Chabad of East Boca Raton, whose attempts to build an expanded shul and community center have been stymied by nearly 10 years of legal challenges, won the right to continue with its plans in a decision handed down by a Florida federal appeals court.
Several national Orthodox organizations had taken an interest and submitted briefs in the case as they felt the plaintiff’s arguments threatened laws protecting religious land use around the country.
The three judge panel steered clear of the cases’ broader implications, but unanimously declared the challenge to be “moot,” given that Chabad’s plans have been put on hold pending other unrelated litigation.
Daniel Blomberg, counsel at Becket, a public-interest law firm that advocates for religious liberties and which is co-representing Chabad as interveners in the case alongside the City of Boca Raton, said that despite the technical grounds of the dismissal, the ruling has much value.
“Practically speaking, it shuts down litigation that sought not only to permanently prevent Chabad from building, but to repeal the city’s ordinance that gave houses of worship equal treatment; the court rejected both of those requests,” he told Hamodia.
The Chabad house, under the leadership of Rabbi Ruvi New, has been trying to build larger facilities for the past decade. In 2015, the city unanimously approved Chabad’s plans by making an adjustment to the zoning laws, broadening “places of assembly” to include “houses of worship” as well.
The city of Boca Raton was quickly hit with a lawsuit on behalf of residents Gerald Gagliardi and Kathleen MacDougall, who said they would be injured by the traffic they claim the shul would bring, as well as its likelihood of “alter[ing] the beach-oriented, relaxed, and low-intensity character of Seaside Village.” Their claims built on a wave of grassroots resistance that had vocally opposed Chabad’s plans at public meetings and online forums.
Several supporters of the Chabad argued that opposition was rooted in anti-Orthodox animus, and cited several large commercial entities in the vicinity, claiming that the construction of a shul was unlikely to be a major factor in the neighborhood’s congestion.
Their suit, which before coming before the 11th Circuit Court of Appeals had been rejected twice by lower courts, argued that Boca Raton had violated the Constitution’s establishment clause by directing city employees to find a way to accommodate Chabad’s plans. They claimed that even though the project was not active, the zoning change made for them was conceived as part of “illegal collusion” between Chabad and the city.
In a court hearing in February, the three-judge panel expressed skepticism over both the constitutional and technical arguments offered by attorney Marci Hamilton, who represented the plaintiffs. Mrs. Hamilton is a New York-based legal scholar with a history of advocating against the expansion of rights for religious groups.
A support brief by Agudath Israel of America, Chabad-Lubavitch World Headquarters, the Orthodox Union, the Rabbinical Council of America and several other groups had taken issue with the plaintiff’s case, arguing that “the First Amendment was never intended to make America inhospitable to religious practitioners.”

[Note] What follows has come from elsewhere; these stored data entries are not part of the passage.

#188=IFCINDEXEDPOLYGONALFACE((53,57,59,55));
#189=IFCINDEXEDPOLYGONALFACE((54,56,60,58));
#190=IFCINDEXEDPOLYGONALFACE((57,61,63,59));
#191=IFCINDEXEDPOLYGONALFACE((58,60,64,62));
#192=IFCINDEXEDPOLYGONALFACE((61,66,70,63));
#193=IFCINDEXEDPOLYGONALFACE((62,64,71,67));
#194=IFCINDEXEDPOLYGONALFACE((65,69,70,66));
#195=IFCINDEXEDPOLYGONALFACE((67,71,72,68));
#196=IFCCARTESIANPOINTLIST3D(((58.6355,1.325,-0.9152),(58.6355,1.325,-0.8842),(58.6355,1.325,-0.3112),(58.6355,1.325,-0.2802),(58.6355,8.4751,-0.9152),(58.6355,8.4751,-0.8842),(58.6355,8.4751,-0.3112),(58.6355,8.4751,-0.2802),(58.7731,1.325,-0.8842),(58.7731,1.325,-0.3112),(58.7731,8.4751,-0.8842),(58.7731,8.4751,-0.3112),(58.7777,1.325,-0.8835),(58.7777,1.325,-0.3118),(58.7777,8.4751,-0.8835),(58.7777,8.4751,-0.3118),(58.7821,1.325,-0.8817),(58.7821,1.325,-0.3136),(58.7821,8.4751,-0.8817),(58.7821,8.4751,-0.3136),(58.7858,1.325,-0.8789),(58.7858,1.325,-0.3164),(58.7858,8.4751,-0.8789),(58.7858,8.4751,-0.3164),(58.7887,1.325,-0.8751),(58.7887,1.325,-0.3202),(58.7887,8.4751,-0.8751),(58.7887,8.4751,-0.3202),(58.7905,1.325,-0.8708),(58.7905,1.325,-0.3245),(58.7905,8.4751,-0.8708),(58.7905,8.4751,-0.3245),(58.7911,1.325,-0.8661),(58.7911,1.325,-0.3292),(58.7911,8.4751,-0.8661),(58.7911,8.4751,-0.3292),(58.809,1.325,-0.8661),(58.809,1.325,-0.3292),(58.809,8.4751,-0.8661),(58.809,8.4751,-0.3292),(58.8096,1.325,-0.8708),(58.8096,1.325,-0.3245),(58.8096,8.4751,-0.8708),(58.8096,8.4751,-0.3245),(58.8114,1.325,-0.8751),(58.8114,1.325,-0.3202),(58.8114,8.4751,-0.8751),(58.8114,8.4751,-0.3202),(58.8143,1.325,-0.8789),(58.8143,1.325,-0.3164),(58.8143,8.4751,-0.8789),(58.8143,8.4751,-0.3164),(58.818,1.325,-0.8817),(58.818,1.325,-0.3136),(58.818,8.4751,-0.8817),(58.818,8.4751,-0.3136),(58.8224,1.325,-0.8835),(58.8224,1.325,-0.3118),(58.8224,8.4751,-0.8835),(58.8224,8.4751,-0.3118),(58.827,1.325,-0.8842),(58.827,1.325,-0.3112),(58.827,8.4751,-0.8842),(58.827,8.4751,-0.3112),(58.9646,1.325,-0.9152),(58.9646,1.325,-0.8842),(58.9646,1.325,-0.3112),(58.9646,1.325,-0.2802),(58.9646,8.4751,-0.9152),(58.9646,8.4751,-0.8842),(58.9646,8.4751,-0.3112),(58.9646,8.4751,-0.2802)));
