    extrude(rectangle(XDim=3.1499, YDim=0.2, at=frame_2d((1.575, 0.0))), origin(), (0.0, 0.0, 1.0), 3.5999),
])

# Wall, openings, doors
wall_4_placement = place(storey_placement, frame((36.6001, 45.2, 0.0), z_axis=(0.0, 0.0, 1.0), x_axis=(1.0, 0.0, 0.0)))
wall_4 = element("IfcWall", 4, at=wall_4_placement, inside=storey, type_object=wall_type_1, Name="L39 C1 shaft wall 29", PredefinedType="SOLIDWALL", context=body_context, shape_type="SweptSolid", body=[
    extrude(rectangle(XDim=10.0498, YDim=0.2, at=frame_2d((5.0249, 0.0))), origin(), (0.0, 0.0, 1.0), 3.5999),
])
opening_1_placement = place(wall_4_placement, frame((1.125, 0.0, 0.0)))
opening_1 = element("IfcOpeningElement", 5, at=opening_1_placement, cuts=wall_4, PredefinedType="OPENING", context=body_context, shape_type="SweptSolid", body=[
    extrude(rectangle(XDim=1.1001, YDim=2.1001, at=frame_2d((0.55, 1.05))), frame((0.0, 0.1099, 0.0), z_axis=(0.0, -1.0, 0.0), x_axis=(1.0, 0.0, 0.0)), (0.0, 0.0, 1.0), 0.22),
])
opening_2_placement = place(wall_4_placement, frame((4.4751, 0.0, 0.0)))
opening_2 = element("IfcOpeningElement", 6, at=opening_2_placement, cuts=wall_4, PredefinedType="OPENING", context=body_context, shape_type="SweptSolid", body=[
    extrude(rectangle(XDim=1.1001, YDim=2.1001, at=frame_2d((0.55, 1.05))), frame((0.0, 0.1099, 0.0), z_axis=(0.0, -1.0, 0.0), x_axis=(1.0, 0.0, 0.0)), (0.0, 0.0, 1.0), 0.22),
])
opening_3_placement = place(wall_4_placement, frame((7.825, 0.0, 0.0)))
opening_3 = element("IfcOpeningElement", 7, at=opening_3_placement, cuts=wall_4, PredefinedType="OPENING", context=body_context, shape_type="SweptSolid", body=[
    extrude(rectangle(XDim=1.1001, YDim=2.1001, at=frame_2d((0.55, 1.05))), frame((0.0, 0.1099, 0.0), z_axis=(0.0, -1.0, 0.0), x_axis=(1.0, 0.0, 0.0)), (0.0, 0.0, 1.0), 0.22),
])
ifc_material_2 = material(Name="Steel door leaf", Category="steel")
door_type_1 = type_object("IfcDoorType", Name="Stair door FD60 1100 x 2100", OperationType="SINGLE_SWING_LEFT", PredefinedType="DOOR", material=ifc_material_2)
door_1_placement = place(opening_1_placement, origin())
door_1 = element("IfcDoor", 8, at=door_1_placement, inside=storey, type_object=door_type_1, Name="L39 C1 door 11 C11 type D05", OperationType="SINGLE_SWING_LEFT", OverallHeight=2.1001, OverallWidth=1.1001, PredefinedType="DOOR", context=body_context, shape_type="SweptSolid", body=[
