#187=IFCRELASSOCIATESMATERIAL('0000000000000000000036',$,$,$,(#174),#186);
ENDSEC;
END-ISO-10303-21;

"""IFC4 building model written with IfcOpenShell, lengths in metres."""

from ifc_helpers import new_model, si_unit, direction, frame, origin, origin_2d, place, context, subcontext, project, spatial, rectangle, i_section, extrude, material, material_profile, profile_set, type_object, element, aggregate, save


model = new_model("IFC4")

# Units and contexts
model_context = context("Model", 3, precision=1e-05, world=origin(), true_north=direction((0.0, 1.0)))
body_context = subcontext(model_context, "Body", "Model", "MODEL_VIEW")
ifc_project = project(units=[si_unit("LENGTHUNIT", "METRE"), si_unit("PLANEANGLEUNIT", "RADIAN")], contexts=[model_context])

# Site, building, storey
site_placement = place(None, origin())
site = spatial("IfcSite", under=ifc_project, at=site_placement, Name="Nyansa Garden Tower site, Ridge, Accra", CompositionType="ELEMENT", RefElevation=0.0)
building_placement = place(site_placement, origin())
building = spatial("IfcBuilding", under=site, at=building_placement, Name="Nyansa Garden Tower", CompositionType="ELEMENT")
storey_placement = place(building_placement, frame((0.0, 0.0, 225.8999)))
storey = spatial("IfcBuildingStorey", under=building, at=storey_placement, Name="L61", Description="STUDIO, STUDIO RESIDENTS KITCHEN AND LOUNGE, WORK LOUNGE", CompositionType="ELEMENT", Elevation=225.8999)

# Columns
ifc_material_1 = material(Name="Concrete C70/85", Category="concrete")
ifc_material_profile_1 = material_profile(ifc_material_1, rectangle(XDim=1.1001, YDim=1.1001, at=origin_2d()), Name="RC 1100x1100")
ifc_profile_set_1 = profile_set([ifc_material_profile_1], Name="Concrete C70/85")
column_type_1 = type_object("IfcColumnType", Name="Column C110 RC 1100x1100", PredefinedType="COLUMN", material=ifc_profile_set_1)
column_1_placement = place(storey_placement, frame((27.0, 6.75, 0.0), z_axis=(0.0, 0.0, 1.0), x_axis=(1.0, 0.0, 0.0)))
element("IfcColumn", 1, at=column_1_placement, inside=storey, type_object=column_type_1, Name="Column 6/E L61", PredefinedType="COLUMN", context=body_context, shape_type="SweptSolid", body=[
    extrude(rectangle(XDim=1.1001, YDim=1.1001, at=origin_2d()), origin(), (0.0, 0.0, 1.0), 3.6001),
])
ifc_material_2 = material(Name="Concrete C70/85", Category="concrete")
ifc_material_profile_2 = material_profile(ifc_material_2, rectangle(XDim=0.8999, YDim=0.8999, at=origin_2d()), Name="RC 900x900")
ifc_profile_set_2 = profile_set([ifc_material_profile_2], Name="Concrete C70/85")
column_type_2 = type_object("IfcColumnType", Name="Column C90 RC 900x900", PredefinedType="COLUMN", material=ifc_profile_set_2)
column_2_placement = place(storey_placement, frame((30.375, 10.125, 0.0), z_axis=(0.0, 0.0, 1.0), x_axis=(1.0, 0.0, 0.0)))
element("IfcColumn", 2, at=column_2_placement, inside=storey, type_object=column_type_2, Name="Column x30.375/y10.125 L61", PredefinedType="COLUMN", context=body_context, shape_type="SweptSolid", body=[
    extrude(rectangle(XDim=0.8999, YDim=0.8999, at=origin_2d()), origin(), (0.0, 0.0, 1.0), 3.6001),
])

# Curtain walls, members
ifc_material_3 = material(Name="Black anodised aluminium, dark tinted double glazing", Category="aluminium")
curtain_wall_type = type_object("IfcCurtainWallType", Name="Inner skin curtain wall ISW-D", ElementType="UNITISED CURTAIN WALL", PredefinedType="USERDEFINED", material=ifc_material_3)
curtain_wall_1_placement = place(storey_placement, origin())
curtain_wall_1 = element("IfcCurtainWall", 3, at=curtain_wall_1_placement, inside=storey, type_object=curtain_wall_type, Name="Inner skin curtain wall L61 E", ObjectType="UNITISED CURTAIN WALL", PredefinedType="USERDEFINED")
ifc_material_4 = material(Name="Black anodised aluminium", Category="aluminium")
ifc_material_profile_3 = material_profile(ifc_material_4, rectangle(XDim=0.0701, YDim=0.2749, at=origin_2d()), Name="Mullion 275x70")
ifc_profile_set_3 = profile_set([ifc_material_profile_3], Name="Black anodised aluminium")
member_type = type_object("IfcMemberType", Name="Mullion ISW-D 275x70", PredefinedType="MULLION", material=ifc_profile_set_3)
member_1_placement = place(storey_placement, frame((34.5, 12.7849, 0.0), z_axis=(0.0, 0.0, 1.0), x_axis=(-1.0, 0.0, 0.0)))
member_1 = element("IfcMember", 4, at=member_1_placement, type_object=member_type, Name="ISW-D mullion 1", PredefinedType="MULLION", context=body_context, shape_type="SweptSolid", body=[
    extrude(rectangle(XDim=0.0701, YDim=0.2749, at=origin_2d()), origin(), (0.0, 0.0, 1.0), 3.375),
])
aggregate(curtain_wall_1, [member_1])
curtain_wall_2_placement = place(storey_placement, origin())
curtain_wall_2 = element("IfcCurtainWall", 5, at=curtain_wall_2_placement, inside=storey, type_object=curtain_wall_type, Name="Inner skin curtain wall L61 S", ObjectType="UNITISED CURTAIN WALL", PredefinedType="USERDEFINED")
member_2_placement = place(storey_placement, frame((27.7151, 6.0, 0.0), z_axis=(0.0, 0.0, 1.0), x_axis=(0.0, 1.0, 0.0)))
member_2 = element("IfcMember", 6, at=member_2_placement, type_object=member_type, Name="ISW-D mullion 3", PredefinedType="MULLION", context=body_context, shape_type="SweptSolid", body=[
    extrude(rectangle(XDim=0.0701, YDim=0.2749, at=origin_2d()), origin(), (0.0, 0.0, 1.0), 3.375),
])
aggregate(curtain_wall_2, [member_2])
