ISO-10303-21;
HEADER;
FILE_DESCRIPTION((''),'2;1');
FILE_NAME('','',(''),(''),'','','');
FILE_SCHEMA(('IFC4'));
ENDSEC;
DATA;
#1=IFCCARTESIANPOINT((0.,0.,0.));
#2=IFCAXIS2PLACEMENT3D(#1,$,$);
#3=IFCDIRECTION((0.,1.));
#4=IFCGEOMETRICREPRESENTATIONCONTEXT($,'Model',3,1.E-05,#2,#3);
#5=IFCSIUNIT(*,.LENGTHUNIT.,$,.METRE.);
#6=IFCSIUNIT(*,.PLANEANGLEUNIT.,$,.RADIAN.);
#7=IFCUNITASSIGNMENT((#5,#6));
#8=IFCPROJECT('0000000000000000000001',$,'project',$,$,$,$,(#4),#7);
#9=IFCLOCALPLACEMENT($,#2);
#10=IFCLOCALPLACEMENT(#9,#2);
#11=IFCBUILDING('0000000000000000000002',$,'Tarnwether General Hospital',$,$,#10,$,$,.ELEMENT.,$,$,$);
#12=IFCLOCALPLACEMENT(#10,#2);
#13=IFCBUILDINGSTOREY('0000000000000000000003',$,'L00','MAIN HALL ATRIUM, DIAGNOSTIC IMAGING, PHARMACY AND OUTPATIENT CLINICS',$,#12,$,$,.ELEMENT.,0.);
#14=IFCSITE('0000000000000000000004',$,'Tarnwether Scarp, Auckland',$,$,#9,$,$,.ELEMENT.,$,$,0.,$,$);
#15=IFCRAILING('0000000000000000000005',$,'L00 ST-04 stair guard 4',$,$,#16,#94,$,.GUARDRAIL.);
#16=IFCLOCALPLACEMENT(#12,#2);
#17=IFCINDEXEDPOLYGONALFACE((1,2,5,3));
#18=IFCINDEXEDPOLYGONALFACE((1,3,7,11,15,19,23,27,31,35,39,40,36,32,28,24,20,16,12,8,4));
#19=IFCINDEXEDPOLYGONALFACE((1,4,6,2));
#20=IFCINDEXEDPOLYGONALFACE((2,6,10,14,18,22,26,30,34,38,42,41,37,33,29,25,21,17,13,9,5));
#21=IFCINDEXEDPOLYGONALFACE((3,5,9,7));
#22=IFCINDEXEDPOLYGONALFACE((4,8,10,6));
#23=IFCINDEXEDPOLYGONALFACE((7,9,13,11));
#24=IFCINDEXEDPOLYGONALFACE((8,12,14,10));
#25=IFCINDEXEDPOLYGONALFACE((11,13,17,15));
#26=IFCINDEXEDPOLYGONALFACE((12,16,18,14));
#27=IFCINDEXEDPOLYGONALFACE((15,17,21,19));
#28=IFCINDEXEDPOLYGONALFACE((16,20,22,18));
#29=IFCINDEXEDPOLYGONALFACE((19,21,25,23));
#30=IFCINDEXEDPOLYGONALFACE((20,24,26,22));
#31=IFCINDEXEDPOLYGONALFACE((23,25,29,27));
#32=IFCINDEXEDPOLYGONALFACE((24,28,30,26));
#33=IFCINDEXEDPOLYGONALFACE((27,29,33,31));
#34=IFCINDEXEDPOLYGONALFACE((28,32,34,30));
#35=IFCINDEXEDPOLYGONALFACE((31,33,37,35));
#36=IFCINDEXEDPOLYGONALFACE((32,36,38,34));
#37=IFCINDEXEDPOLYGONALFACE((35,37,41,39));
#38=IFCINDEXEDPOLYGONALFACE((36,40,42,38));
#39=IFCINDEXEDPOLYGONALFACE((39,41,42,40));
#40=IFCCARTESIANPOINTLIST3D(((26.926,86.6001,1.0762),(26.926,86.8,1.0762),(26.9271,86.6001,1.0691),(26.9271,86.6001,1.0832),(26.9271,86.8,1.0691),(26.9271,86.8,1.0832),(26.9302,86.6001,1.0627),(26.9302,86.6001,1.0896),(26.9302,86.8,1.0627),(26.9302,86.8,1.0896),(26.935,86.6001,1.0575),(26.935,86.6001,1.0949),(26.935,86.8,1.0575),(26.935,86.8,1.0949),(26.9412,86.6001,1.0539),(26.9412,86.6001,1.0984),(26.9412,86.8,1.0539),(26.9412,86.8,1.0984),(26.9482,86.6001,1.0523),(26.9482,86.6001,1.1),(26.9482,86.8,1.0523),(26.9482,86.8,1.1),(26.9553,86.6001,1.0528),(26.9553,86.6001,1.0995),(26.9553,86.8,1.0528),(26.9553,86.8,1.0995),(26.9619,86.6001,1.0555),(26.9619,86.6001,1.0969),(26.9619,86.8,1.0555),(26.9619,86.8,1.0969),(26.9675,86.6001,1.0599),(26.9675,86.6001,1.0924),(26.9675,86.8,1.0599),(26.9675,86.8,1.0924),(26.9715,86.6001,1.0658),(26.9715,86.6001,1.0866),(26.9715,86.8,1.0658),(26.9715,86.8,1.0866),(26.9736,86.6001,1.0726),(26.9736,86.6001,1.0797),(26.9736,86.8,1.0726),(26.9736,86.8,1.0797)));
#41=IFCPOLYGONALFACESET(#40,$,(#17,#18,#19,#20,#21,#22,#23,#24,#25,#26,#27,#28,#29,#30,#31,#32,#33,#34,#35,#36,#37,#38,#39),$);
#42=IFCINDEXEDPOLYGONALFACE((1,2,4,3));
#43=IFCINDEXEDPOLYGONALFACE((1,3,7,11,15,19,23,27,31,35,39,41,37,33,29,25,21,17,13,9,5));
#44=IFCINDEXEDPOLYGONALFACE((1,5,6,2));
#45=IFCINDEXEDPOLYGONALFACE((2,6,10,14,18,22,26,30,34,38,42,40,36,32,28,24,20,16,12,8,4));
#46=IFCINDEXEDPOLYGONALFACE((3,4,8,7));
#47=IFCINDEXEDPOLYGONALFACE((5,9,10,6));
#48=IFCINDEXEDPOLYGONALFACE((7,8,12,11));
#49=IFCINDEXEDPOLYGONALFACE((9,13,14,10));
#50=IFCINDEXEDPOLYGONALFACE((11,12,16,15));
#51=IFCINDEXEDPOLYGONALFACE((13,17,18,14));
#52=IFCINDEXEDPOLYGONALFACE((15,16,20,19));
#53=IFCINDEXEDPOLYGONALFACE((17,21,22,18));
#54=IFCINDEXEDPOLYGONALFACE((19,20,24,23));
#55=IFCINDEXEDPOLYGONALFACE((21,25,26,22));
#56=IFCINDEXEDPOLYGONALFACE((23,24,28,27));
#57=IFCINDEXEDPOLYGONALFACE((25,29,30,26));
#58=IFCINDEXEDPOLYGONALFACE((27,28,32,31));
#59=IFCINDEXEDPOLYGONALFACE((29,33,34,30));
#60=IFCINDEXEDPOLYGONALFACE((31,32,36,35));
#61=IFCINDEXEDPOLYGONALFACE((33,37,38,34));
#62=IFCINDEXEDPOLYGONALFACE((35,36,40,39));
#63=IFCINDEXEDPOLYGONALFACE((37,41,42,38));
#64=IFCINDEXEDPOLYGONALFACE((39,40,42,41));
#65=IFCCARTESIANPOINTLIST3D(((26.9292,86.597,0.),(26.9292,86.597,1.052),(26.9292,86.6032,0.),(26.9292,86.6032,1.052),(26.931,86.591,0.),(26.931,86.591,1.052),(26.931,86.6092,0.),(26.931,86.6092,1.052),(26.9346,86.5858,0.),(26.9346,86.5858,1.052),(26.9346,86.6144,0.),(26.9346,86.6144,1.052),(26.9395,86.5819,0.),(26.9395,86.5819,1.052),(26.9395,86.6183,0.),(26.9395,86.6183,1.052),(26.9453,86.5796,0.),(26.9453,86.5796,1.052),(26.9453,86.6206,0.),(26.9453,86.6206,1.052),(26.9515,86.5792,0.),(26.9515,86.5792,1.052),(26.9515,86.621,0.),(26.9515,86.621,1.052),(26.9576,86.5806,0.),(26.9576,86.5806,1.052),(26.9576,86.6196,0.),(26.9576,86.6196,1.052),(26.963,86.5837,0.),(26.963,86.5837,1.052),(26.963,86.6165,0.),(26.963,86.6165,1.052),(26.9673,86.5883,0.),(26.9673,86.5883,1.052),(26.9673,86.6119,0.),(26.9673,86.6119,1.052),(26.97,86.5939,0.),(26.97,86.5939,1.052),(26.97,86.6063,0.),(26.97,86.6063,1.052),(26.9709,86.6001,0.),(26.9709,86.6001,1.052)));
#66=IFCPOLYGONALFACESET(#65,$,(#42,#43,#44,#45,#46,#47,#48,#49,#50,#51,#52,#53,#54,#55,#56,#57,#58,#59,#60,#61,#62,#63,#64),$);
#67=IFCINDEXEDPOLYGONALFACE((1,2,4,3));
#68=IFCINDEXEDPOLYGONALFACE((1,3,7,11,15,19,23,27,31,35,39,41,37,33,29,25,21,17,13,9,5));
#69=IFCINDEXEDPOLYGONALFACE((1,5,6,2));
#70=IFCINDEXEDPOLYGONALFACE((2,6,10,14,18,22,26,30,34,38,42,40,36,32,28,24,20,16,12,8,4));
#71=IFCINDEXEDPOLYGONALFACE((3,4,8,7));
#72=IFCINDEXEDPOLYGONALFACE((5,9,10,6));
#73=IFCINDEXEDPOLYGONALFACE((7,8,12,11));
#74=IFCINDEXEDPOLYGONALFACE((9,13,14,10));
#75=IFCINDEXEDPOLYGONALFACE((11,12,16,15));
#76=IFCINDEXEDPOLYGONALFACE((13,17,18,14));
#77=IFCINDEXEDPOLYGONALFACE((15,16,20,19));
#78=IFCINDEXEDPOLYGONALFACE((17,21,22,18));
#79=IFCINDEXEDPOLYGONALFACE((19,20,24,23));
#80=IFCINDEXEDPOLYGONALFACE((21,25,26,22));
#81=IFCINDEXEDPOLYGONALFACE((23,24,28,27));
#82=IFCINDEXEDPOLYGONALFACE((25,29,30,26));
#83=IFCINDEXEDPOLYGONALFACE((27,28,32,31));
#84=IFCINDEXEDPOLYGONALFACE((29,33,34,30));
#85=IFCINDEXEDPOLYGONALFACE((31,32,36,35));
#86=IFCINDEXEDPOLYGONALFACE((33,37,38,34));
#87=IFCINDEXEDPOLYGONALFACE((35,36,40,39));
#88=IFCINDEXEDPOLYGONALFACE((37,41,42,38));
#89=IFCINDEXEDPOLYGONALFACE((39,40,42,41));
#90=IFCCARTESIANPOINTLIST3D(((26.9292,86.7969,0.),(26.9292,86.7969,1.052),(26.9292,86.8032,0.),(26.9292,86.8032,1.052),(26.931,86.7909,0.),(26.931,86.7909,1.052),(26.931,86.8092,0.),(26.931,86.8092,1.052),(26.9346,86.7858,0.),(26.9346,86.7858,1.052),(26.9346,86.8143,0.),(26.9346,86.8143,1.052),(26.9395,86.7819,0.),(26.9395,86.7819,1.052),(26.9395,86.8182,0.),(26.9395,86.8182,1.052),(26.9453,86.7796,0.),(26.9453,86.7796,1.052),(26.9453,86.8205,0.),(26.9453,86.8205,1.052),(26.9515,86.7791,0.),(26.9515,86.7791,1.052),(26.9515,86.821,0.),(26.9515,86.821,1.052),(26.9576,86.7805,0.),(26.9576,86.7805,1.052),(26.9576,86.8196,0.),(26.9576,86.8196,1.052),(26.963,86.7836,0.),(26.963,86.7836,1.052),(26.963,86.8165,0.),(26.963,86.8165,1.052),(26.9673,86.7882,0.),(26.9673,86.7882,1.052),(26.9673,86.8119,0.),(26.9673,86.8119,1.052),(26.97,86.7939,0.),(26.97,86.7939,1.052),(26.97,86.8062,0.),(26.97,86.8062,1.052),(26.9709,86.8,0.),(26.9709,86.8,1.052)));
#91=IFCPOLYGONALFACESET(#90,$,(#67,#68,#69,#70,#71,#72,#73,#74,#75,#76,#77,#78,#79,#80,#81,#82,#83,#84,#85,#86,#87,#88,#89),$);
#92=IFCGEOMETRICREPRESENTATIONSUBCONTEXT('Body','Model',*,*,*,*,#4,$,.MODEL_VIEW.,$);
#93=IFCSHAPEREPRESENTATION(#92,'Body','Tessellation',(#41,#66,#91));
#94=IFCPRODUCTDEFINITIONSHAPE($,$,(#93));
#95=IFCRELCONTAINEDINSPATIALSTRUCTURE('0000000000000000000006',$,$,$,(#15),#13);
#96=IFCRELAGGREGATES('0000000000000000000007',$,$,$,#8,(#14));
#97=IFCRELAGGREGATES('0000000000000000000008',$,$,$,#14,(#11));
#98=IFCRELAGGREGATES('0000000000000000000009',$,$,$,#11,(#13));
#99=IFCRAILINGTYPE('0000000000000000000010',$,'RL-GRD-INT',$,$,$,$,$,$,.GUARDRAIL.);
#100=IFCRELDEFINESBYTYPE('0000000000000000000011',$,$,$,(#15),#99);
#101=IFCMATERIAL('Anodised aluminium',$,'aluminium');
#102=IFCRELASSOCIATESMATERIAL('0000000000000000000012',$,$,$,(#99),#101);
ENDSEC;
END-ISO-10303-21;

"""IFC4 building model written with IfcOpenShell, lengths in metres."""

from ifc_helpers import new_model, si_unit, direction, frame, origin, origin_2d, place, context, subcontext, project, spatial, circle, extrude, material, type_object, element, save


model = new_model("IFC4")

# Units and contexts
model_context = context("Model", 3, precision=1e-05, world=origin(), true_north=direction((0.0, 1.0)))
body_context = subcontext(model_context, "Body", "Model", "MODEL_VIEW")
ifc_project = project(units=[si_unit("LENGTHUNIT", "METRE"), si_unit("PLANEANGLEUNIT", "RADIAN")], contexts=[model_context])

# Site, building, storey
site_placement = place(None, origin())
site = spatial("IfcSite", under=ifc_project, at=site_placement, Name="Tarnwether Scarp, Auckland", CompositionType="ELEMENT", RefElevation=0.0)
building_placement = place(site_placement, origin())
building = spatial("IfcBuilding", under=site, at=building_placement, Name="Tarnwether General Hospital", CompositionType="ELEMENT")
storey_placement = place(building_placement, origin())
storey = spatial("IfcBuildingStorey", under=building, at=storey_placement, Name="L00", Description="MAIN HALL ATRIUM, DIAGNOSTIC IMAGING, PHARMACY AND OUTPATIENT CLINICS", CompositionType="ELEMENT", Elevation=0.0)

# Railing
ifc_material_1 = material(Name="Anodised aluminium", Category="aluminium")
railing_type = type_object("IfcRailingType", Name="RL-GRD-INT", PredefinedType="GUARDRAIL", material=ifc_material_1)
for number, where, name in (
    (1, (26.95, 86.6001, 0.0), "L00 ST-04 stair guard 4"),
):
    element("IfcRailing", number, at=place(storey_placement, frame(where)), inside=storey, type_object=railing_type, Name=name, PredefinedType="GUARDRAIL", context=body_context, shape_type="SweptSolid", body=[
        extrude(circle(Radius=0.0239, at=origin_2d()), frame((0.0, 0.0, 1.0762), z_axis=(0.0, 1.0, 0.0), x_axis=(-1.0, 0.0, 0.0)), (0.0, 0.0, 1.0), 0.2),
        extrude(circle(Radius=0.021, at=origin_2d()), origin(), (0.0, 0.0, 1.0), 1.052),
        extrude(circle(Radius=0.021, at=origin_2d()), frame((0.0, 0.2, 0.0)), (0.0, 0.0, 1.0), 1.052),
    ])

save(model, "model.ifc")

Despite the varied nature of the written and oral arguments, the court’s decision was made purely on the grounds that Mr. Gagliardi’s and Mrs. MacDougall’s case is not applicable, given the fact that Chabad’s plans are presently on hold. As such, should Chabad’s plans move forward, they would remain liable to a challenge based on the points left unaddressed by the court.
Rabbi Moshe Matz, executive director of Agudath Israel’s Florida division, welcomed the decision and hoped that it would mark an end to Chabad’s legal battles.
“We are very pleased that Chabad of Boca Raton has won this third round in court and will be able to operate a synagogue without further interference,” he said. “We hope that this ruling will send a message to localities throughout the country that federal law protects the rights of religious institutions to not be discriminated against in land-use decisions.”